WASHINGTON, Nov. 23, 2015 – People love tax cuts. They see them on the ballot and they will gleefully vote for them, often without thinking twice about their consequences. Recently, the voters of Texas had the opportunity to vote on a tax-cutting amendment to the Texas state constitution, and it won overwhelmingly, without regard to potential economic consequences.
The Texas Legislative Council described “Amendment 1” as:
“The constitutional amendment increasing the amount of the residence homestead exemption from ad valorem taxation for public school purposes from $15,000 to $25,000, providing for a reduction of the limitation on the total amount of ad valorem taxes that may be imposed for those purposes on the homestead of an elderly or disabled person to reflect the increased exemption amount, authorizing the legislature to prohibit a political subdivision that has adopted an optional residence homestead exemption from ad valorem taxation from reducing the amount of or repealing the exemption, and prohibiting the enactment of a law that imposes a transfer tax on a transaction that conveys fee simple title to real property.”
Bottom line: This measure greatly restricts state and local entities in their ability to tax property. Coming from the now conservative-dominated Texas Legislative Council, it is the epitome of Republican red meat.
This amendment has California’s Proposition 13 written all over it, the very popular tax initiative and referendum in the 1970s that many believe paved the way for the “Reagan Revolution.” Many also argue that it laid the foundation for the state to become one of the most hostile tax environments of any state in the union.
Howard Jarvis, who spent most of his life as a California businessman and perennial (and unsuccessful) candidate for office, grew tired of the high tax rates in his state. He started a grassroots effort that led to among the toughest restrictions on property tax rates in the country by 1978. The good news is that California has among the lowest property tax rates in the country; the bad news is that it now has one of the worst tax environments in the United States when it comes to individual and corporate income taxes.

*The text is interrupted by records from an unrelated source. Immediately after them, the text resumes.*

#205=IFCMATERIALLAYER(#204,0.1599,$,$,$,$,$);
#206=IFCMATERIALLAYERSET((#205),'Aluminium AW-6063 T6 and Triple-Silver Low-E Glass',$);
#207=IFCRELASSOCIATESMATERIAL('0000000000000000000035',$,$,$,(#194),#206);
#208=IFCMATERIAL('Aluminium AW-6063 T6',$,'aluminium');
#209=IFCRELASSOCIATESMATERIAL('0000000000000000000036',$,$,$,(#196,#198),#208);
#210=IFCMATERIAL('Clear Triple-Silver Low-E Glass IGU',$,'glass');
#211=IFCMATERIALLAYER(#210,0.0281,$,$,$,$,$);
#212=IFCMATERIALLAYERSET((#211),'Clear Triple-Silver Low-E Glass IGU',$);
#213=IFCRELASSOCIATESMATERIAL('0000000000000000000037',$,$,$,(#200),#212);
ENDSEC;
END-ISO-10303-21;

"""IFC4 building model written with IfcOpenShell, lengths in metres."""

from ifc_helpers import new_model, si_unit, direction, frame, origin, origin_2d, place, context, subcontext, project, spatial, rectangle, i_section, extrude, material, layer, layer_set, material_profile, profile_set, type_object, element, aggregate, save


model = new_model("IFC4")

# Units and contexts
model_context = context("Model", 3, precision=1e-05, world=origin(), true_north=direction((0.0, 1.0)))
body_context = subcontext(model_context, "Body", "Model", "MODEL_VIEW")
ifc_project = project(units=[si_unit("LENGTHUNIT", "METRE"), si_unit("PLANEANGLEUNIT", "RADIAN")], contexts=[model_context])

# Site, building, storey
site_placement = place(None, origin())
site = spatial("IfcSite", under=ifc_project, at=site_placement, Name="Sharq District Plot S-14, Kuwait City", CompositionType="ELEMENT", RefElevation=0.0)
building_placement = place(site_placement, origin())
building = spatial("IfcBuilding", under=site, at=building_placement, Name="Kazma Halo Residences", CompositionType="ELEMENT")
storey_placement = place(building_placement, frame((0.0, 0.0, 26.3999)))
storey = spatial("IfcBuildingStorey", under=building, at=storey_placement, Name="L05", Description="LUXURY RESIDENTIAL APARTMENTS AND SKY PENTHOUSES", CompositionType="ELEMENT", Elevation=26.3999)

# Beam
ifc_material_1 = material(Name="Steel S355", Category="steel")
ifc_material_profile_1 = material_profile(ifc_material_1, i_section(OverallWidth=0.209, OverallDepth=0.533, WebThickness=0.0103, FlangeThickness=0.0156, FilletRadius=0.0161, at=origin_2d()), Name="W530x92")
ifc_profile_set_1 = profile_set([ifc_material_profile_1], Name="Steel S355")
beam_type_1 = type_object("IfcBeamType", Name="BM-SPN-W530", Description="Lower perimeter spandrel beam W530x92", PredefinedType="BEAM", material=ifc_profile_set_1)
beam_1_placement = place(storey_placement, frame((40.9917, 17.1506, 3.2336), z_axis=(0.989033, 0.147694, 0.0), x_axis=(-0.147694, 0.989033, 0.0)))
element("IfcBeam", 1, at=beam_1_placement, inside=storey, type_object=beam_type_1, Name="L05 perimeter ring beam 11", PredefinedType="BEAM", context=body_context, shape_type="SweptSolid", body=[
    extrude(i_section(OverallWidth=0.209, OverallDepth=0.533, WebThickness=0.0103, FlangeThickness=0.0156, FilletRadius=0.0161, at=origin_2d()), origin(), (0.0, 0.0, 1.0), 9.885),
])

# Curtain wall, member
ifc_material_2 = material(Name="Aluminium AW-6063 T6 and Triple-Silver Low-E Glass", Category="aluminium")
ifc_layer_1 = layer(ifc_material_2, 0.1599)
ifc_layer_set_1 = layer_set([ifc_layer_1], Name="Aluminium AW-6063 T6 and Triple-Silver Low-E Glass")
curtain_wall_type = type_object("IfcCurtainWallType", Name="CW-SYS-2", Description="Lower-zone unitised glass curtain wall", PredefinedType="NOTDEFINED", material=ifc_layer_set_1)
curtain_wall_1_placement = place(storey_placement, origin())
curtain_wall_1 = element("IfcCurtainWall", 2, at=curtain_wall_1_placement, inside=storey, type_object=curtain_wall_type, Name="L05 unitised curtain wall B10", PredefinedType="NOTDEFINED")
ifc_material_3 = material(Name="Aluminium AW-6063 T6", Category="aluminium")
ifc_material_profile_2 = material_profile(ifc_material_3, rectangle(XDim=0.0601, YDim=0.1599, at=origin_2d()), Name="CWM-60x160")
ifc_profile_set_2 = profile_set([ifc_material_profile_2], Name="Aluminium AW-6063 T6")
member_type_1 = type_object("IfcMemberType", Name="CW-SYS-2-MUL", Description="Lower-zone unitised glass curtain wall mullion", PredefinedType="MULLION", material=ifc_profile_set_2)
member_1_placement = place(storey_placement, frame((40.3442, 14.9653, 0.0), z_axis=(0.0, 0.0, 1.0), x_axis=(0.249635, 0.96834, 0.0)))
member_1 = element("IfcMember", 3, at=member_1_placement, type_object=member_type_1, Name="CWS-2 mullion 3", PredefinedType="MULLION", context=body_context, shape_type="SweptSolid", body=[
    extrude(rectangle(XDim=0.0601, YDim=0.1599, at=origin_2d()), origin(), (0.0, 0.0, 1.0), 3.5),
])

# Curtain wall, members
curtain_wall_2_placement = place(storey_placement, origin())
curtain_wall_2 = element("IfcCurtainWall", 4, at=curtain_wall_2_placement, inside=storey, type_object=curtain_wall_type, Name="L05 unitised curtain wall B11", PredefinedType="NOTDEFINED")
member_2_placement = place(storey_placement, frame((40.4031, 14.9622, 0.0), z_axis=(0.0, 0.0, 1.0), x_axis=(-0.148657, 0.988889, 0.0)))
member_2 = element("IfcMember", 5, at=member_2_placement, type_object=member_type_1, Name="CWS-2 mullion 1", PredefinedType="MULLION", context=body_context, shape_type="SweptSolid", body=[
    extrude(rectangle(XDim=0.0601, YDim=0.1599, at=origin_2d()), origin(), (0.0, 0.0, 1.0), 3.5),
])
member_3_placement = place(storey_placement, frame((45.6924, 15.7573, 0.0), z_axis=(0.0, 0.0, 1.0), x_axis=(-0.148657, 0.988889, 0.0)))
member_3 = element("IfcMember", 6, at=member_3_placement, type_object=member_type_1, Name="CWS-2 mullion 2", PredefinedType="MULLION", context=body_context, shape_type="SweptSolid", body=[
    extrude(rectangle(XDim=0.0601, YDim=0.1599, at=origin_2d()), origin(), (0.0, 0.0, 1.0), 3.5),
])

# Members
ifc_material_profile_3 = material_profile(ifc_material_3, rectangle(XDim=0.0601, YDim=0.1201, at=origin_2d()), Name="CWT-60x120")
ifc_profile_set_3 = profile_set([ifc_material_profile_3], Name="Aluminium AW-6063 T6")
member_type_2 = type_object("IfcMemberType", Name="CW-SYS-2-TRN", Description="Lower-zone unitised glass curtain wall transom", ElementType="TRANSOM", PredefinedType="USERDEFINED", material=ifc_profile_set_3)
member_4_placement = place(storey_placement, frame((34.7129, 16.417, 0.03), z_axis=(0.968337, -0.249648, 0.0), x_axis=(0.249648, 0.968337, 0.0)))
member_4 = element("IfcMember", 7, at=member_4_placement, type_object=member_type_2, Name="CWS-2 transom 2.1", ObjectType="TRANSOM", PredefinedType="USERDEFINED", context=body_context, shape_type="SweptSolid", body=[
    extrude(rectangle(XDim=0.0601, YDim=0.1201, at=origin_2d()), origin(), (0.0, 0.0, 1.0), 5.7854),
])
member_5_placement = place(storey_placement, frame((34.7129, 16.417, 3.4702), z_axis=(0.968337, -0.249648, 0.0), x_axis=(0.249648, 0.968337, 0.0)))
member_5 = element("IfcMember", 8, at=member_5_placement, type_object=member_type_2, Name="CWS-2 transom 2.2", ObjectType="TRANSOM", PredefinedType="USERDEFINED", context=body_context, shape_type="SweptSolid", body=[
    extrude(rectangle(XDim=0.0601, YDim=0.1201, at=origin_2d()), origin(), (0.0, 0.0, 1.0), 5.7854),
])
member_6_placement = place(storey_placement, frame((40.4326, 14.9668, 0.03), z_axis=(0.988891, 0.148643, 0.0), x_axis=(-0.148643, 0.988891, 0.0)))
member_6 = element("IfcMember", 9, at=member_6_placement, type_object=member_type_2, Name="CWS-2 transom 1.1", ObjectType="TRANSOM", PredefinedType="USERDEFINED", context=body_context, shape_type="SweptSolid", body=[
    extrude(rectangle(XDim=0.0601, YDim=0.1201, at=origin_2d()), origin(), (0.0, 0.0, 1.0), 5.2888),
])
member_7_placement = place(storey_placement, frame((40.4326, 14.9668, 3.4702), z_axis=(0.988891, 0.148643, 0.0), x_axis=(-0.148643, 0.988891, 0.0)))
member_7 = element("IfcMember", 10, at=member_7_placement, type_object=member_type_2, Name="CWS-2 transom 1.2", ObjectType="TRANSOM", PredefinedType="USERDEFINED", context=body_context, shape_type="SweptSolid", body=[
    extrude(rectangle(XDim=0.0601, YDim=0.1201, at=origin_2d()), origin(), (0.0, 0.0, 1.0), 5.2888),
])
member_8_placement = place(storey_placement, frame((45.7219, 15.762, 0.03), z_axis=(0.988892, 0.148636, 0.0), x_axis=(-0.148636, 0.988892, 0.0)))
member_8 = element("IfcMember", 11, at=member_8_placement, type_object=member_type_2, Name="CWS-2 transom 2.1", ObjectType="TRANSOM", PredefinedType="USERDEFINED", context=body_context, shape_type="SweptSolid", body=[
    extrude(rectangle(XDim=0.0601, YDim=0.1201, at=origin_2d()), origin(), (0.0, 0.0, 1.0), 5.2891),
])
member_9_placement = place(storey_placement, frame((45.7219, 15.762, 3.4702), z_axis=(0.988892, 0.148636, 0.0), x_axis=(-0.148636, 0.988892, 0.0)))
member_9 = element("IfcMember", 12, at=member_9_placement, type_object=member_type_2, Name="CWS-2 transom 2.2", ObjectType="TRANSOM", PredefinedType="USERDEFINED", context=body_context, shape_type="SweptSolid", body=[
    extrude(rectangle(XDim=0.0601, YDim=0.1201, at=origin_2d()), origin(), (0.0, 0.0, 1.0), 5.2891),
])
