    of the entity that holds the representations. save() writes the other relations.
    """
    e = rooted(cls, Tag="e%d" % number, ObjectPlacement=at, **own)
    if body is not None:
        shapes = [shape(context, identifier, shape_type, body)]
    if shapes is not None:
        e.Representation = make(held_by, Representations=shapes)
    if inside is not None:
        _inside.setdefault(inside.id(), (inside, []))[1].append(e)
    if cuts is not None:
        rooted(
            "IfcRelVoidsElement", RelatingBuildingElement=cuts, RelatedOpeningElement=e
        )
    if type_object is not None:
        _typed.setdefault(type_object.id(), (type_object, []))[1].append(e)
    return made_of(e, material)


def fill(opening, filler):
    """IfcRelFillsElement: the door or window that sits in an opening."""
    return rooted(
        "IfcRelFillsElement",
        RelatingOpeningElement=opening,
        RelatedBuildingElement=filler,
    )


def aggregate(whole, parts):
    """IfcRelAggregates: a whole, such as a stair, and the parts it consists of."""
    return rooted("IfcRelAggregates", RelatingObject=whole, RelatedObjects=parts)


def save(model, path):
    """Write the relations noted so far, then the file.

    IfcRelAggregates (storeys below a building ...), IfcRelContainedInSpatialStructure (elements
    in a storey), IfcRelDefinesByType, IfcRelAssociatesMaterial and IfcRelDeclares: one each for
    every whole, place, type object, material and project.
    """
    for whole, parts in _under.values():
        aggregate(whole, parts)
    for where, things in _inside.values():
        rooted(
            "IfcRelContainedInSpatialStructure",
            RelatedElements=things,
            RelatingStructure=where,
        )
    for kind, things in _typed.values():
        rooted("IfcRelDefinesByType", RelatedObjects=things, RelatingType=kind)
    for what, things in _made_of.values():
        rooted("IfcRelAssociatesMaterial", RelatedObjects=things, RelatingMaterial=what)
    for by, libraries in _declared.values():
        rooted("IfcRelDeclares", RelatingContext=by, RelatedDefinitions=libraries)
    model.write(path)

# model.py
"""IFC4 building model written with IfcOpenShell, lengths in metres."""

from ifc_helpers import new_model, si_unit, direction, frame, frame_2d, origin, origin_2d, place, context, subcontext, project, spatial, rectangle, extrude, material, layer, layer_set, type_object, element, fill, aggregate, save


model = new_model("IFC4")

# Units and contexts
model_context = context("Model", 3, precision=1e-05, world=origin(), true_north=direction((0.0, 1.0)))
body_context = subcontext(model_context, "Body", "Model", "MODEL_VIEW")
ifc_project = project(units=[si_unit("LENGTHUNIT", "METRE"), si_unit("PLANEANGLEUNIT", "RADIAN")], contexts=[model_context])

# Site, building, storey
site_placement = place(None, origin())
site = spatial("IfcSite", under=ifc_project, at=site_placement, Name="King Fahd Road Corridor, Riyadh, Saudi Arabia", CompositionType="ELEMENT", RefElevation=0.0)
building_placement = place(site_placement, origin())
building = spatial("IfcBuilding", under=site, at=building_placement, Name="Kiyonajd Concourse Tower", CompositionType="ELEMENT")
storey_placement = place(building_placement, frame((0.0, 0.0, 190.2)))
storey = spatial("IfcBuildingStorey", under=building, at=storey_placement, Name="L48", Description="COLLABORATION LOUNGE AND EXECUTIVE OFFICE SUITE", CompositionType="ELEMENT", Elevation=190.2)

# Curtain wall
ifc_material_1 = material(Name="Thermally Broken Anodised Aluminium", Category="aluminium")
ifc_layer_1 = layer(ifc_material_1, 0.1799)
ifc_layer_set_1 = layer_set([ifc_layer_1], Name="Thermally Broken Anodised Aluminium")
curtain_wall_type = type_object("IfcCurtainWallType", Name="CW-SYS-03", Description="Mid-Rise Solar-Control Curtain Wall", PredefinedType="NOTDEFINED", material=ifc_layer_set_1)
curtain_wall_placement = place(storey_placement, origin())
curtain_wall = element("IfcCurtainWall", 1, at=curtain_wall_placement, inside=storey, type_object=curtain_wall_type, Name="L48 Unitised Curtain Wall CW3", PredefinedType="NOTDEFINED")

The shift in lost state government revenue from property taxes simply shifted, moving toward income taxes instead. This has harmed both individuals and businesses (particularly small and medium ones). Worse, it has led to a shell game when it comes to revenue, as businesses collect their income tax revenues through higher prices to consumers (making it a more regressive tax). This is the case because businesses don’t pay sales taxes, but are merely tax collectors (since consumers pay every cost of business through their purchases).
Tax-cutting activists were forewarned that the proposition could harm the business environment that any fiscal conservative would find important. An article in the April 14, 1978, New York Times, reported that the same activists that would want to cut property taxes would be weary of the harm it could have on business as the pursuit of revenue would turn to companies. It went so far to say that support for the initiative was actually fairly weak and that it was opposed by the business community, which was concerned about higher business taxes. In the end though, it became law.
Although some conservative and free market activists (such as Jack Kemp, Milton Friedman and others) favored the cuts since they were fans of any opportunity to restrict the ability of government to tax, those who were concerned about what the proposition would do to the business environment proved to be right.
According to the conservative Tax Foundation, while California’s property taxes are lower than those in New Jersey, New York, and even Texas, it remains a high tax state over all. It has the third worst business climate in the country, the highest top marginal income tax rate in the country at 13.3 percent, a corporate income tax of 8.84 percent, and the highest statewide sales tax in the country at 7.5 percent. But in 1978, California had the fourth highest overall tax burden, while today the state still has the fourth highest burden.
Conservatives hate taxes, but some taxes are less dangerous than others. Property taxes are generally better than others, according to the Tax Foundation, because “property taxes fit many of the characteristics of a good tax: they are relatively simple, transparent, neutral, stable, and have a broad base. So while there are some good elements of Prop 13 (especially the prohibition of split roll), we’d rather see caps on other taxes.” Instead of learning a lesson from Californians that is over three decades old, conservatives in Texas were able to get a similar, far reaching measure, passed into law.
A friend of mine told me to “not worry, this GOP legislature would never pass an income tax to cover this potential revenue loss. You don’t make a constitutional amendment with this legislature in mind, but every future one as well. It would be ironic if one of the most pro-business tax environments in the country became among the least favorable, because of a simple, conservative driven, tax revolt.